Denmark Terror Attack Survivor Said She Won’t Submit to Shariah Law. That’s When the News Anchor Interrupted Her.

"Intellect-numbing political correctness…"

When a survivor of Saturday’s terrorist attacks in Copenhagen told a television interviewer she would not be silenced by Shariah law, the news anchor interrupted her, saying, “We don't know details about the gunman yet.”

Agnieszka Kolek, a Polish artist and free-speech activist who was a panelist at the freedom of speech discussion attacked by a terrorist gunman, told Britain’s Channel 4 Sunday that she personally heard the attacker shouting “Allahu akbar.”

Kolek, who curates the Passion for Freedom arts festival in London, said that participants at first thought the gunshots were firecrackers meant to frighten them, as they were discussing how accusations of blasphemy stifle freedom of speech and artistic expression.

Kolek said on TV she would not be silenced by Shariah law and that she opposed those who add the words “if” and “but” to the debate, as if to excuse opponents of free speech.

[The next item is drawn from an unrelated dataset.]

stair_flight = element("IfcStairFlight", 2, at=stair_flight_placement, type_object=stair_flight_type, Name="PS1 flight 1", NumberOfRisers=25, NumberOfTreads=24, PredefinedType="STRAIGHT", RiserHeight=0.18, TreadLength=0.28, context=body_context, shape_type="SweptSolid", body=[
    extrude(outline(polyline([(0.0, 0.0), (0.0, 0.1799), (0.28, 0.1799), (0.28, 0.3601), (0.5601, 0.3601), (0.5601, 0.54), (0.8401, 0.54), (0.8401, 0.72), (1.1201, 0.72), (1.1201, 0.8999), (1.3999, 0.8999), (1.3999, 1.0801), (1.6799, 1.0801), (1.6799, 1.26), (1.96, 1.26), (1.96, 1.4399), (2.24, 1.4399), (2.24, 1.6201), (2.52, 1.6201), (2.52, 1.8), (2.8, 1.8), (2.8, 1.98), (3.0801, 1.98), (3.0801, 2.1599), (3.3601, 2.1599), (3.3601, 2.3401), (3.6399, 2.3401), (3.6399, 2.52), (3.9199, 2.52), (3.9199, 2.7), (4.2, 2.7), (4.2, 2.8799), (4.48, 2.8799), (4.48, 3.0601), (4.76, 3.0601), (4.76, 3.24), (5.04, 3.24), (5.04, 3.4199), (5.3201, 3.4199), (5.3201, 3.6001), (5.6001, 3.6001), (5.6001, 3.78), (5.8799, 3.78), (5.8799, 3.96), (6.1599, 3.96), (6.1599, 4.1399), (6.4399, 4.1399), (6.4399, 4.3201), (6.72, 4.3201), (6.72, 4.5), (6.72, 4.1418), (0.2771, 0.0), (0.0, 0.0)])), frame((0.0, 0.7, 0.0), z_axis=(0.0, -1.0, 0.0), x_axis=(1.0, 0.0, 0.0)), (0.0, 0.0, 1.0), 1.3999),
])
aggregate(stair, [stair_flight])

Copenhagen attack survivor and free speech activist Agnieszka Kolek told Britain’s Channel 4 she won't be silenced by Shariah law. (Screenshot: YouTube)

“I stand on the side of people that believe in the rule of law, the rule of law in a democratic country,” Kolek said. “I don’t stand on the side of Shariah law and people that they use blasphemy law in Europe where anyone indiscriminately can go out and shoot at people.”

“I think we should all unite in our saying there’s no ‘ifs’ and ‘buts,’” she added.

That was when the anchor interrupted her saying, “Sorry to interrupt you. We don’t know … details about the gunman as yet.”

Kolek responded by recounting what she personally heard as she ducked for cover.

“I could hear him shouting ‘Allahu akbar.’ I could hear his voice,” Kolek said.

Though the television anchor appeared in the clip to downplay the discussion on the possible Shariah motivations of the gunman, when the Channel 4 website posted an excerpt of the interview, it used the title, “Artist claims Copenhagen suspect shouted 'Allahu Akbar,'” highlighting the possible religious motive behind the attack.

The blog CiF Watch, which monitors anti-Israel bias in the British media, presented the interview as an example of what it called “intellect-numbing political correctness” which does a disservice to viewers.

“A serious discussion on the threat to European Jews – and democratic values within the continent – posed by Muslim extremism would of course require that the media cease in their never-ending fealty to such intellect-numbing political correctness,” CiF Watch wrote.

Kolek told the Wall Street Journal that police and other witnesses told her that right before the shots began, the gunman had tried to enter the cafe through the backdoor.

“If he had made his way in, we would all have died,” she said.

After the shooting ended, Kolek told the Wall Street Journal she persuaded her colleagues to continue to conference for at least a moment.

“I went on the stage and said: They are not just trying to kill us, they want to shut down freedom of speech,” Kolek said.

Finn Norgaard, a 55-year-old Danish filmmaker, was killed in the first assault at the cafe. Later that evening, Dan Uzan, 37, was killed as he was guarding a bat mitzvah party at a synagogue.

Swedish cartoonist Lars Vilks, who has received numerous death threats following his depictions of the Muslim Prophet Muhammad as a dog, has said he believes he was the primary target of the gunman, an assessment that was backed up by Danish police.

Danish media on Sunday identified the terror suspect as Omar Abdel Hamid El-Hussein, who was killed in a shootout with police near a Copenhagen train station.